Figure 2.: Simplified diagram of a PT cell. Sodium reabsorption in the PT is mainly accomplished by NHE3, which exchanges sodium for protons. Other sodium-coupled transporters use the chemical and electrical gradient of sodium for the reabsorption of molecules (X stands for, e.g., glucose, amino acids, phosphate).
The bulk of sodium in the PT is taken up by the apical Na+-H+ exchanger NHE3, in this way linking sodium and thus volume homeostasis with acid-base homeostasis.17 Given this important role, one might have expected a severe form of a salt-losing tubulopathy and proximal acidosis with loss of function of this transporter. Instead, recessive mutations in the encoding gene SLC9A3 are associated with congenital sodium diarrhea (OMIM #616868).18 Only two of the seven reported patients with available data exhibited acidosis. While also presenting with diarrhea, mice lacking Nhe3 function do also show evidence of salt wasting and acidosis.19 To better dissect the respective renal and/or intestinal contribution to the acidosis, a renal specific knock-out was generated, which confirmed renal bicarbonate wasting, albeit with only mild acidosis.20 These studies confirm the important role of NHE3; yet, at least in PT, the loss of function may be partially compensated by other NHE isoforms, such as NHE8.21
Another important sodium transporter in PT is the Na+-PO4− cotransporter NaPi-IIa, encoded by SLC34A1. Initially, a homozygous loss-of-function mutation was reported as the cause of FRTS type 2 in two siblings.8 Yet, no further patients with FRTS and SLC34A1 mutations have been identified since. Instead, recessive loss-of-function mutations in this gene are recurrently found as the cause of infantile hypercalcemia with nephrocalcinosis (OMIM #616963).9 Moreover, heterozygous mutations have been associated with hypophosphatemic nephrolithiasis (OMIM # 612286),22 similar to the hypophosphatemic rickets with hypercalciuria caused by heterozygous mutations in SLC34A3, encoding NaPi-IIc (OMIM #241530). Presumably, the hypophosphatemia-mediated suppression of FGF23 leads to increased 1-α hydroxylation of cholecalciferol with resultant hypercalcemia and hypercalciuria.23
Of interest is also the sodium-glucose cotransporter SGLT2, encoded by SLC5A2. Recessive mutations in this transporter cause isolated renal glucosuria (OMIM #233100), which provides an example of the enormous benefits the study of a rare disorder can have for common disorders. Patients with isolated renal glucosuria can lose well over 100 g of glucose daily, yet with no apparent detrimental consequences.24–26 In fact, in an era of affluence in which obesity and diabetes have become major threats to public health, the loss of sodium and glucose in the urine may be beneficial and SGLT2 thus became an attractive therapeutic target.25 Inhibitors of SGLT2, the gliflozins, are now available and seem to provide substantial benefits in the management of diabetes, with not only improved glucose control but also reduced cardiovascular mortality and diabetic nephropathy.27
Two further transporters affecting sodium reabsorption in the PT are associated with diseases: recessive mutations in SLC4A4, encoding basolateral Na-bicarbonate cotransporter NBC1, cause proximal tubular acidosis with eye findings (OMIM # 604278); and recessive mutations in carbonic anhydrase 2, encoded by CA2, cause proximal tubular acidosis with osteopetrosis (OMIM #259730). Although CA2 does not transport sodium directly, it clearly affects the availability of H+ for the apical Na+-H+ exchange.
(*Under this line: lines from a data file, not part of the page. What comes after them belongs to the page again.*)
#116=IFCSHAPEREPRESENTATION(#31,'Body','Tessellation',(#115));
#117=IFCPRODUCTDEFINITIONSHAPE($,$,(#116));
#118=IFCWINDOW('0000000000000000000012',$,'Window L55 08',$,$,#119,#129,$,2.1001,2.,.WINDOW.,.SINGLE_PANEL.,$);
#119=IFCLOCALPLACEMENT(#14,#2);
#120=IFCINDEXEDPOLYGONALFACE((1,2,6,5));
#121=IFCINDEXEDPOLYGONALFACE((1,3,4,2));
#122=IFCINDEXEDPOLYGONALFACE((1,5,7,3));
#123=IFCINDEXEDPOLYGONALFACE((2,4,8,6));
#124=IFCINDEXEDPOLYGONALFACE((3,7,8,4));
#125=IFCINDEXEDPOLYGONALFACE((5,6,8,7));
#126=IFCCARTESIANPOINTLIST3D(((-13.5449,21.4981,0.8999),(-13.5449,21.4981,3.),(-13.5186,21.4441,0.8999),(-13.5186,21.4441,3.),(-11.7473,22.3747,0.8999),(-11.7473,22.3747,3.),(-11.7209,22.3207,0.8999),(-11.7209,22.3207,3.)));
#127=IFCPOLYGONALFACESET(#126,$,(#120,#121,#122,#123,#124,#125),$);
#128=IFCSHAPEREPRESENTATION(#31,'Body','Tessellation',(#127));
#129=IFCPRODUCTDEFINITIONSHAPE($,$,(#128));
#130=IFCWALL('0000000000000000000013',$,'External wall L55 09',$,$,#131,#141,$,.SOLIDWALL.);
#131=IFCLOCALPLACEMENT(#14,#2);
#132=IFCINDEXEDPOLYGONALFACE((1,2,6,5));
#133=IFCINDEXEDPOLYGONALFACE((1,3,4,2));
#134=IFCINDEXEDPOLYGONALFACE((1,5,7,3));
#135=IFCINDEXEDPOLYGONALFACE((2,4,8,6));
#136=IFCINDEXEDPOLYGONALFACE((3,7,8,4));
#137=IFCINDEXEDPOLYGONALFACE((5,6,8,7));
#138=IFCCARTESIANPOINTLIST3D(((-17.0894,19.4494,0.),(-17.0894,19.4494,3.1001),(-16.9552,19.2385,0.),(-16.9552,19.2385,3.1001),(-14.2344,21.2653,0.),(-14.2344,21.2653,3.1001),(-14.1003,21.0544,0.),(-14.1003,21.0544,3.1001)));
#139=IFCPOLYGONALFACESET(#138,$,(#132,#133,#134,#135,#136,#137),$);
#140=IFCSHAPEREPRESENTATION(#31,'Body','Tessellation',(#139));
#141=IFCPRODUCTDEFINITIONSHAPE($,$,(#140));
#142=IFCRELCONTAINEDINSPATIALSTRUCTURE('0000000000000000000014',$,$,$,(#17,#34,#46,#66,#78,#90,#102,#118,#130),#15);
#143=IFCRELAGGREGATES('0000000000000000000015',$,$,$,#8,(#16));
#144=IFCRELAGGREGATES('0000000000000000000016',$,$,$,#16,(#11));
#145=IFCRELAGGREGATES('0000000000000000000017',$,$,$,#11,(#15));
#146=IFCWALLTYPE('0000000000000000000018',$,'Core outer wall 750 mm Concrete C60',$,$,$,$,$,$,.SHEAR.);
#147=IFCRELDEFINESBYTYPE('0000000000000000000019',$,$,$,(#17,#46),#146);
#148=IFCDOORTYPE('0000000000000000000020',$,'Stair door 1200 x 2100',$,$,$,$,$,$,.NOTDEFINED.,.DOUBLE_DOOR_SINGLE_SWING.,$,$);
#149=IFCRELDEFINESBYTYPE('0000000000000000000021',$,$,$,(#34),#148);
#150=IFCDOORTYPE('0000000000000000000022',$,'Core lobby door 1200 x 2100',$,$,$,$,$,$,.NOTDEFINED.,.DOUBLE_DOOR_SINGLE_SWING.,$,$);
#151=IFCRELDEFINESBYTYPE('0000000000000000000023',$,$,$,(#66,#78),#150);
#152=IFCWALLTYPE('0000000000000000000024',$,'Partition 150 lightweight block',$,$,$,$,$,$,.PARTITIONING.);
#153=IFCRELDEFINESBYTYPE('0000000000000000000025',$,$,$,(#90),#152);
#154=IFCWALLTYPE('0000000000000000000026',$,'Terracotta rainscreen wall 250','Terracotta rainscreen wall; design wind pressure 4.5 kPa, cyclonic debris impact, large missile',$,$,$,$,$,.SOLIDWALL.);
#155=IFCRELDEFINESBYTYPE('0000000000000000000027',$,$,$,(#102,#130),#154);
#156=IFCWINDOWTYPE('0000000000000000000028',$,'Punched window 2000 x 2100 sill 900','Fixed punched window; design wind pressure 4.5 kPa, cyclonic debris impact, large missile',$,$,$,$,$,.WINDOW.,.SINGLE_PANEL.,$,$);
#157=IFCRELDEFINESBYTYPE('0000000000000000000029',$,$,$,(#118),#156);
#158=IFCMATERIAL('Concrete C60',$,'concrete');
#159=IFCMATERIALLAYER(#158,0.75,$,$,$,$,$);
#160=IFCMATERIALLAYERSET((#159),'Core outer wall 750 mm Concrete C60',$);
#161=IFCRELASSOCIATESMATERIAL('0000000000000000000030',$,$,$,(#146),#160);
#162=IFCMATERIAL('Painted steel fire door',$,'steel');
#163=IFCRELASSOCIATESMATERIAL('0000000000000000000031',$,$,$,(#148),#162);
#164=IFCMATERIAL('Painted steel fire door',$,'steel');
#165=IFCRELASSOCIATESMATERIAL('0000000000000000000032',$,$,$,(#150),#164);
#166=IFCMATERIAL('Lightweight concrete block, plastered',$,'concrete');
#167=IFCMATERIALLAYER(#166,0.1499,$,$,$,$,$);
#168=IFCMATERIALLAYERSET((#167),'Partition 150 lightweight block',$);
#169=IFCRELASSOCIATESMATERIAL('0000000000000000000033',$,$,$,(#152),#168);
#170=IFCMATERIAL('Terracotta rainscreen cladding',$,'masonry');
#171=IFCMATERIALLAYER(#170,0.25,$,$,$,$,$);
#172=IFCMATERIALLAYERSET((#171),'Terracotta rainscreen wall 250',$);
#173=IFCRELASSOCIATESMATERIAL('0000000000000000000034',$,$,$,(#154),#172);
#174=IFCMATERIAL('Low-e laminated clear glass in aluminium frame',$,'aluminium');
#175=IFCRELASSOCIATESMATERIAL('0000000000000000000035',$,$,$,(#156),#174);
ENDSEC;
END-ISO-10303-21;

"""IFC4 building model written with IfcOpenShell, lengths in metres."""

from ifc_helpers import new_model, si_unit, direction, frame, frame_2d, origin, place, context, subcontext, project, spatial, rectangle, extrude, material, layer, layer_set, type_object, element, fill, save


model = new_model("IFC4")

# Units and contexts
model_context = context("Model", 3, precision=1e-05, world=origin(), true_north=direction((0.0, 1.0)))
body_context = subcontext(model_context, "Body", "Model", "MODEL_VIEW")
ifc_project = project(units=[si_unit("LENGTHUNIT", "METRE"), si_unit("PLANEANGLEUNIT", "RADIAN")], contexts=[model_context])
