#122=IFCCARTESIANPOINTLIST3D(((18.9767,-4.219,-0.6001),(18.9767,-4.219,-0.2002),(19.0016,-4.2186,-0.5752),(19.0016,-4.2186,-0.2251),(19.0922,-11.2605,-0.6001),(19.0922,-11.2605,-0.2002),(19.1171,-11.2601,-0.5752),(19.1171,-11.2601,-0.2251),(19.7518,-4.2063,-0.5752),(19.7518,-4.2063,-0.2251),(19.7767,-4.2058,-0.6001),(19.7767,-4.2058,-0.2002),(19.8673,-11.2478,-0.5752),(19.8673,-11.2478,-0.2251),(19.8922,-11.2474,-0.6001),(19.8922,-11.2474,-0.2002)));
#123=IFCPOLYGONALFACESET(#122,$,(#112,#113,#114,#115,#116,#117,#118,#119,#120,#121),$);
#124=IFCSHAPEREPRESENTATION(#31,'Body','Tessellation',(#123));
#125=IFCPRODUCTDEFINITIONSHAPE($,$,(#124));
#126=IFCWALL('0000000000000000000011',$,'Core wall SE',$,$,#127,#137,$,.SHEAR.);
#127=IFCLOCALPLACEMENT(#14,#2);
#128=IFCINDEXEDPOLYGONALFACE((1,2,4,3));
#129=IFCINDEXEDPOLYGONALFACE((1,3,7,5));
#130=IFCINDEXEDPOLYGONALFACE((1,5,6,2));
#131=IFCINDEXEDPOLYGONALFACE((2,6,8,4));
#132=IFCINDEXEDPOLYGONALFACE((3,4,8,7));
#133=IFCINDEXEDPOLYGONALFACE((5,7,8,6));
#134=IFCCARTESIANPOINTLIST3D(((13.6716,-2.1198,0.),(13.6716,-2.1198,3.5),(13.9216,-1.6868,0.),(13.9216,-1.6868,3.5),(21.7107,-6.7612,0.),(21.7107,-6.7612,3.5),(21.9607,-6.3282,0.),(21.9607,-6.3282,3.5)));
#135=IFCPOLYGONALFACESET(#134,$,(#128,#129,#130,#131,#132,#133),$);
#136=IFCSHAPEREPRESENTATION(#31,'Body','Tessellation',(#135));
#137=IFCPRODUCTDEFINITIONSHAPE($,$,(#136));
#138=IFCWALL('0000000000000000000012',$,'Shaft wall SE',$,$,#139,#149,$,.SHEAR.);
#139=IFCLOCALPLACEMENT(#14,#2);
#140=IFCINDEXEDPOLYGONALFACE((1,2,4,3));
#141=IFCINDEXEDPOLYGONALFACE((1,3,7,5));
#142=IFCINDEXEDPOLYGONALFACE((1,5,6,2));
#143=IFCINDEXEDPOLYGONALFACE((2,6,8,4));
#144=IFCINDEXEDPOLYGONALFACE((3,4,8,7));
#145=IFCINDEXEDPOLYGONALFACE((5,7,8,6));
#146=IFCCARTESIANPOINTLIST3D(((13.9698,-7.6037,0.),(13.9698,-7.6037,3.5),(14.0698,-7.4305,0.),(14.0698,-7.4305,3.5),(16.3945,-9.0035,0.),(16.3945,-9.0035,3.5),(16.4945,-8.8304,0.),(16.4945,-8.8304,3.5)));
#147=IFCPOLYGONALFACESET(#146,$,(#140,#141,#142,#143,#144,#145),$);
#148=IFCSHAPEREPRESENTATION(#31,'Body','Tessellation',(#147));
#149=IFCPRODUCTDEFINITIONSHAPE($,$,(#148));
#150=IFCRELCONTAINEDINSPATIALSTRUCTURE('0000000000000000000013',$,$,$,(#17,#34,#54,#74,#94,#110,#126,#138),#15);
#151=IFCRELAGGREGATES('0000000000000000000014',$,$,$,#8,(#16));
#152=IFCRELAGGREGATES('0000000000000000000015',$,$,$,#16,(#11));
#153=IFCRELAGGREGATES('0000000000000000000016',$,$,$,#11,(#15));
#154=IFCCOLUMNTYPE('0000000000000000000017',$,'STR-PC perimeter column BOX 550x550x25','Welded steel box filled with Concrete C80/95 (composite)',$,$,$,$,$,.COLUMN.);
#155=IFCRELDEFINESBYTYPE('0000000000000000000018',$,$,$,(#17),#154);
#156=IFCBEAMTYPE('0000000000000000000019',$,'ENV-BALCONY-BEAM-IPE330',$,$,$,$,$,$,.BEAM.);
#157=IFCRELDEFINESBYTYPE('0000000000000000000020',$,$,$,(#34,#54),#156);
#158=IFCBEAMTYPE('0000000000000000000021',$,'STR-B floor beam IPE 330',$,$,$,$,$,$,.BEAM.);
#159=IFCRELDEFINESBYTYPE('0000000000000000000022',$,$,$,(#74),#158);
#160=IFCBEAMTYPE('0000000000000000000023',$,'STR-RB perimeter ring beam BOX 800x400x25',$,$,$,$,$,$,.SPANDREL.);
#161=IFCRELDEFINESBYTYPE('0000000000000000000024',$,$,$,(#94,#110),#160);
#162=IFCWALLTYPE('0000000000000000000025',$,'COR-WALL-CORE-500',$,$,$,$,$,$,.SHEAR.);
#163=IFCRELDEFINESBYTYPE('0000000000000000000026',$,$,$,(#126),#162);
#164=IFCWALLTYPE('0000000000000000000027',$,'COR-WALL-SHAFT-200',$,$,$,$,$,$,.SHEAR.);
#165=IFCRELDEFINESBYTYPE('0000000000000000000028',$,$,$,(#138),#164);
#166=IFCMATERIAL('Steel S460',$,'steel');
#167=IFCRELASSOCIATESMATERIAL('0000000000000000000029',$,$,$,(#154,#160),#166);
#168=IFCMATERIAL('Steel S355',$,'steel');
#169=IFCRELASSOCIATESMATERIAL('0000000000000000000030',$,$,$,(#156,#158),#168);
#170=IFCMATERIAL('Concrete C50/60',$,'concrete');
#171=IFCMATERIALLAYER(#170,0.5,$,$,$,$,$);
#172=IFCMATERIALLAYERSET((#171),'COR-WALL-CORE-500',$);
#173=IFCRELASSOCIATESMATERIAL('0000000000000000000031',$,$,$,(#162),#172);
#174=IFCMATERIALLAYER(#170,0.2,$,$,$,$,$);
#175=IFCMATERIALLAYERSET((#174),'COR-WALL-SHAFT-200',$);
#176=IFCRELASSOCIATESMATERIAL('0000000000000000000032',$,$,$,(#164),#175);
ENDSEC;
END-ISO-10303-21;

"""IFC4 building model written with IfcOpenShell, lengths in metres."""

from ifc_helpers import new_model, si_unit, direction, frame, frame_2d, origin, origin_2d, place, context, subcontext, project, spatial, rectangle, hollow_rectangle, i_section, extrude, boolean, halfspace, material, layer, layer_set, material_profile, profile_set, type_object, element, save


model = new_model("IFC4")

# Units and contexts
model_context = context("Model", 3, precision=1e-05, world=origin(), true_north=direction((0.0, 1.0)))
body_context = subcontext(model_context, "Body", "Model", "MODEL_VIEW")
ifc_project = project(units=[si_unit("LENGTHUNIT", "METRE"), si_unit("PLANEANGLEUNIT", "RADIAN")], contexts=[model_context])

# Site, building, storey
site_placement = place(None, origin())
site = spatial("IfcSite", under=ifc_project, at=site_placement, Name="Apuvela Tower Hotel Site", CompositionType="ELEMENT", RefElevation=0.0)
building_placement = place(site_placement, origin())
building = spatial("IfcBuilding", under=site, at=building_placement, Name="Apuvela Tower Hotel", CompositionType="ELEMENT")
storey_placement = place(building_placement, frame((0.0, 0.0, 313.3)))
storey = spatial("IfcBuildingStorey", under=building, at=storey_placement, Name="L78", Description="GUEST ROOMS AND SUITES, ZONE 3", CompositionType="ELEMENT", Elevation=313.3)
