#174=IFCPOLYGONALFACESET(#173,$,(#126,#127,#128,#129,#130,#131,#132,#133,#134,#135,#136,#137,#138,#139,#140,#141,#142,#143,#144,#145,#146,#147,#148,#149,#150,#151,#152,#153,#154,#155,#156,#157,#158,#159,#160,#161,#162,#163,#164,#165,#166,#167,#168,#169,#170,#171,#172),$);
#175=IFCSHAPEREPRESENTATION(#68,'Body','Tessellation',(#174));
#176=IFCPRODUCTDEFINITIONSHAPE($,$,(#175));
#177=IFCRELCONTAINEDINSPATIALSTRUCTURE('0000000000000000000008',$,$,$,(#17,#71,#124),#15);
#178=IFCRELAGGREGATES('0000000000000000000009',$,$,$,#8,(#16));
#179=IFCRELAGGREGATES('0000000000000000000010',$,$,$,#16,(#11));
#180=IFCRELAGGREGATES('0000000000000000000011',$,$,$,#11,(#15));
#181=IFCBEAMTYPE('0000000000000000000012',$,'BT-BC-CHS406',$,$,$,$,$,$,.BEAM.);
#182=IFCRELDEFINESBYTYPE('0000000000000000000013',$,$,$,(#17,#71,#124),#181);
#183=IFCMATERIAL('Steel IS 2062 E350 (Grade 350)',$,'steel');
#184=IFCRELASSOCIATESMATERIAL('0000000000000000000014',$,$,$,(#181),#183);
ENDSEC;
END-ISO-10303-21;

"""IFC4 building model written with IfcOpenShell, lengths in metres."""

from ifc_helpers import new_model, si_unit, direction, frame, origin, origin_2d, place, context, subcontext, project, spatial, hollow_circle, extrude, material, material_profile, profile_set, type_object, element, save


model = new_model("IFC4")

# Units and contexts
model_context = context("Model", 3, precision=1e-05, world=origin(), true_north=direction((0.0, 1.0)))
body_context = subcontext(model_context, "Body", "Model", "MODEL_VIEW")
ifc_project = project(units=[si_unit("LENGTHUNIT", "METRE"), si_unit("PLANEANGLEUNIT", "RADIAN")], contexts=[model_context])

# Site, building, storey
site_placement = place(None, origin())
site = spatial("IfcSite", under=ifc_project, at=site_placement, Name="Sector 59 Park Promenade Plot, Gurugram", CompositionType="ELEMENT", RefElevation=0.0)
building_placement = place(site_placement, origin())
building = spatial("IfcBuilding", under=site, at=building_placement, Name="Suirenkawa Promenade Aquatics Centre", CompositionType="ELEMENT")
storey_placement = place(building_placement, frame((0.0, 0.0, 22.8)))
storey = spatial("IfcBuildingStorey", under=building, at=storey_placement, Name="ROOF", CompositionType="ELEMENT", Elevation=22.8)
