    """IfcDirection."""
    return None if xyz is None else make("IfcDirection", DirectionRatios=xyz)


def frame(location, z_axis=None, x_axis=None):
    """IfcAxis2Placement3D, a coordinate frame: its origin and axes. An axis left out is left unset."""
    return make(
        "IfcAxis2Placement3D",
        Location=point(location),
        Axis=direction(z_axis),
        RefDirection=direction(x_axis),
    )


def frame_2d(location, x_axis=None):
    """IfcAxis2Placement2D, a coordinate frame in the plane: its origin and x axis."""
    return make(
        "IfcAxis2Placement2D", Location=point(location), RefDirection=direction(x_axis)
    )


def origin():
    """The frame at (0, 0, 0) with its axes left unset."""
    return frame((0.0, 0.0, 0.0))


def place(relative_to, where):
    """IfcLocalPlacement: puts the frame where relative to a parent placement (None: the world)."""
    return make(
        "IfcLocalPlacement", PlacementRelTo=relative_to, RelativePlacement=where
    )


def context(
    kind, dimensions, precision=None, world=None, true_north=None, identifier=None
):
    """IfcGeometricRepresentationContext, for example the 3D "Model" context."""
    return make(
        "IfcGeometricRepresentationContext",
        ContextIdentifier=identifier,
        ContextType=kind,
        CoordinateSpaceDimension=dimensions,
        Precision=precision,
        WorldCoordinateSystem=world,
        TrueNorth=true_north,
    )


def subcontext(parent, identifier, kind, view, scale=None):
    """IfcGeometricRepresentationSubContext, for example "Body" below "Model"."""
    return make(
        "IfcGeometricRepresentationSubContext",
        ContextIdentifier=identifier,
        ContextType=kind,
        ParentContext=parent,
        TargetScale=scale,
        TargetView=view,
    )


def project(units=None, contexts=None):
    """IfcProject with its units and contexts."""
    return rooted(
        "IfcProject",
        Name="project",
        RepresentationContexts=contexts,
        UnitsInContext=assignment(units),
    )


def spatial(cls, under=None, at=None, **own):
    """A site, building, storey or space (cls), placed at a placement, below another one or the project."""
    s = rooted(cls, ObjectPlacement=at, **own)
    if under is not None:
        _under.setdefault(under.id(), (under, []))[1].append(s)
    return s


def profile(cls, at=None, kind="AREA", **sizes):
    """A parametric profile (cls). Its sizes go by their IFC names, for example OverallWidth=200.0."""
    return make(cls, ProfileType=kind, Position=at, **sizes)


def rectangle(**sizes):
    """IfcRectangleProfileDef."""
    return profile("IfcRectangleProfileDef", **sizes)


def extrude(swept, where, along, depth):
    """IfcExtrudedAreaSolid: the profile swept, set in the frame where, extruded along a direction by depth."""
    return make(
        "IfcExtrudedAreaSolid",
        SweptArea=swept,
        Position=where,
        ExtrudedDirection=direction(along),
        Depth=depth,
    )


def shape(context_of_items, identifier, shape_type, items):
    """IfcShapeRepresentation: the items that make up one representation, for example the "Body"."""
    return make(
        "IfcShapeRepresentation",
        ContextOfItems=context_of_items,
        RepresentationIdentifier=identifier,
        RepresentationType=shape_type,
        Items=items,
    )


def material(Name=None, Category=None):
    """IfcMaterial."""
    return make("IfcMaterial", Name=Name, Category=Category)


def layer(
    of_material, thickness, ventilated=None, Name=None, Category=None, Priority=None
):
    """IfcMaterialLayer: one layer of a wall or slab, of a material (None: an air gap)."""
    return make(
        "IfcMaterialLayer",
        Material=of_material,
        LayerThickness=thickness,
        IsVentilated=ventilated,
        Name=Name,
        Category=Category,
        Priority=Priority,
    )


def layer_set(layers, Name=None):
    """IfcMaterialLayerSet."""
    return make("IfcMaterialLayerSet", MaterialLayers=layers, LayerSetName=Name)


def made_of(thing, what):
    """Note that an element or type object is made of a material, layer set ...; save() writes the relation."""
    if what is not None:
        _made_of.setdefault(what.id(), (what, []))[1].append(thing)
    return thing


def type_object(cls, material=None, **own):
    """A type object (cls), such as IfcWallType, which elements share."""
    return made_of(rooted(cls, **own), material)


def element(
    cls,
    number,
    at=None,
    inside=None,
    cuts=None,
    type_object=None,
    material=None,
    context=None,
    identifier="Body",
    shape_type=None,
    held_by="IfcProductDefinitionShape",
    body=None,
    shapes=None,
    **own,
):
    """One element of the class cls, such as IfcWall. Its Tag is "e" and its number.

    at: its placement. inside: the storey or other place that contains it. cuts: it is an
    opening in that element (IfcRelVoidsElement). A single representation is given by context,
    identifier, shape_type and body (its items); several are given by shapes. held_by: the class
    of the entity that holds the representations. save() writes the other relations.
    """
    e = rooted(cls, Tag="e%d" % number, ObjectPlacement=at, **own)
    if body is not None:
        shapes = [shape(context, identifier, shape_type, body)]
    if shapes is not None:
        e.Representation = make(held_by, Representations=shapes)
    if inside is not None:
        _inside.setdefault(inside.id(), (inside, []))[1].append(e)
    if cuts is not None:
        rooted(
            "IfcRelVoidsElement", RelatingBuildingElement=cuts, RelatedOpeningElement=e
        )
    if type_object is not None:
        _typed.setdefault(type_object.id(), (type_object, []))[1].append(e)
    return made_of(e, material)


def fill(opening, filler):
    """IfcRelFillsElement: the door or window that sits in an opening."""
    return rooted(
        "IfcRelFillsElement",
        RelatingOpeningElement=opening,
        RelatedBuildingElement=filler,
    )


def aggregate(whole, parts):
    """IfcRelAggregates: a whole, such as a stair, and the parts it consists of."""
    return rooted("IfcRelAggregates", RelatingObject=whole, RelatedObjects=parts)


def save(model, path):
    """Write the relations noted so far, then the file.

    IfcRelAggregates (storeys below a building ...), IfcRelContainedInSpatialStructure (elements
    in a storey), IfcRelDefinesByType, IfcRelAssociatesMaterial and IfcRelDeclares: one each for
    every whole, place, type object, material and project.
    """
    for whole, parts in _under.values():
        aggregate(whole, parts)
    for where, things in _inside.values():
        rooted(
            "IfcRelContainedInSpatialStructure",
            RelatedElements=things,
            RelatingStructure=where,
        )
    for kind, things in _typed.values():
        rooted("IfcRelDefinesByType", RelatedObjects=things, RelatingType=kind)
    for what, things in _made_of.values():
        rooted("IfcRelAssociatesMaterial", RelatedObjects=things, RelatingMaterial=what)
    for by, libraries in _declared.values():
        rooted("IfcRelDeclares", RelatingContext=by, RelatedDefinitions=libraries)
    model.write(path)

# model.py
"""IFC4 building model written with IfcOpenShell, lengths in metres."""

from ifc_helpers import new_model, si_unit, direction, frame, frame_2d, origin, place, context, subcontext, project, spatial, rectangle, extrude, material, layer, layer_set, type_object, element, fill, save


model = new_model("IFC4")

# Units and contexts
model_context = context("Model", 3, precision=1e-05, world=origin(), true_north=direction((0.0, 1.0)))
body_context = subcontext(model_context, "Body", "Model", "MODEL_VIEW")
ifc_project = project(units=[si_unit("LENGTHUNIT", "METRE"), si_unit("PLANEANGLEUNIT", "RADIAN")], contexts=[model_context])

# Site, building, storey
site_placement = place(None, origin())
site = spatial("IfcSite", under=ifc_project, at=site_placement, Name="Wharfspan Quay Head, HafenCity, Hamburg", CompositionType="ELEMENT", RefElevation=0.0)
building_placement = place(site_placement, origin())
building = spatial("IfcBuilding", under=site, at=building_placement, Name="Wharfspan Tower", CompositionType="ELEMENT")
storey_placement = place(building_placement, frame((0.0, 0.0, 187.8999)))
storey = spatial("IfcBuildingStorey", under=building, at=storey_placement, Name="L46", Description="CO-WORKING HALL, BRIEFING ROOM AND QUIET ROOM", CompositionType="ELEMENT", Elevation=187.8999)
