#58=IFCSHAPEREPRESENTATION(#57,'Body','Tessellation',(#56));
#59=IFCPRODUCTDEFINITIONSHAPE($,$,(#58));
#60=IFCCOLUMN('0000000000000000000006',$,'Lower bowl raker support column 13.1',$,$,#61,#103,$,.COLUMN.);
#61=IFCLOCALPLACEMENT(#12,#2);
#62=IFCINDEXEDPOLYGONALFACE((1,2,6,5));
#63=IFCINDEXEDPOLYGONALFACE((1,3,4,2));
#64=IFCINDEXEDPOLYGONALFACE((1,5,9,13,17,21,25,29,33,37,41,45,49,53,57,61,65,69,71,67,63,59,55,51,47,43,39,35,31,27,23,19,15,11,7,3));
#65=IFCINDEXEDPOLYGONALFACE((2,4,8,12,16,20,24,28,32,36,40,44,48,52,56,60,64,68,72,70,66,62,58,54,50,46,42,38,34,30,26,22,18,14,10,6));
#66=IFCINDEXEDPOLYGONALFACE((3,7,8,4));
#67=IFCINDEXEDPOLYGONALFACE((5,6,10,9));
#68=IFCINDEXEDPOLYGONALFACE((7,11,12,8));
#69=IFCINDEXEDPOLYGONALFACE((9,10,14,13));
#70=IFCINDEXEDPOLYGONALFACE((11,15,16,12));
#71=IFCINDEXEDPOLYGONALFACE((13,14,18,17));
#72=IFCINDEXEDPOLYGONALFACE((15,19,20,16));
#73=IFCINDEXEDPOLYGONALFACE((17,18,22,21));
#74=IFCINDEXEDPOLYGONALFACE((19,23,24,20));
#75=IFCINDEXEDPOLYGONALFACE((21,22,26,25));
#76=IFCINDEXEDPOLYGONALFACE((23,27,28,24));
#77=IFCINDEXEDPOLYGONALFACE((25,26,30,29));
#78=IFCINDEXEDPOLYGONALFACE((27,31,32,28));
However, except for occasional case reports and case series, very little new data are available for these very rare disorders.28,29
Clinical Controversies
Patients with FRTS exhibit proteinuria. This primarily reflects “tubular” proteinuria, i.e., the impaired reabsorption of filtered proteins, but in some patients proteinuria reaches the nephrotic range. Although the exact amount of physiologic tubular protein (including albumin) reabsorption remains controversial and may approach several grams per day,30 some patients also show evidence of glomerular damage.31,32 Should these patients be treated with so-called anti-proteinuric drugs, such as ACEi or ARB? Given the impaired sodium reabsorption in FRTS and thus risk of loss of volume homeostasis, are such treatments, which are generally recommended for proteinuria in CKD, of benefit to patients with rare tubular salt-losing disorders?
Thick Ascending Limb
From the PT, the primary urine traverses into the thin limb of the loop of Henle. So far, no human disorders have been associated with altered salt transport here, so we will concentrate on the thick ascending limb (TAL, Figure 3).
Figure 3.: Simplified diagram of a TAL cell. Sodium is reabsorbed electroneutrally via NKCC2 (defective in Bartter type 1), together with one potassium and two chloride ions. The transporter can only function with all four ions bound and, because of its luminal concentration, potassium binding becomes the rate-limiting step. Therefore, potassium is recycled through the potassium channel ROMK1 (defective in Bartter type 2) to ensure an adequate luminal supply of potassium. This also generates a lumen positive transepithelial potential, providing the driving force for paracellular absorption of calcium and magnesium. Sodium exits the cell on the basolateral (blood side) via the Na-K-ATPase, whereas chloride exits through the chloride channels CLCNKB (defective in Bartter type 3) and CLCNKA; both require Barttin (defective in Bartter type 4) for proper membrane localization. NKCC2 can be inhibited by loop diuretics, such as furosemide.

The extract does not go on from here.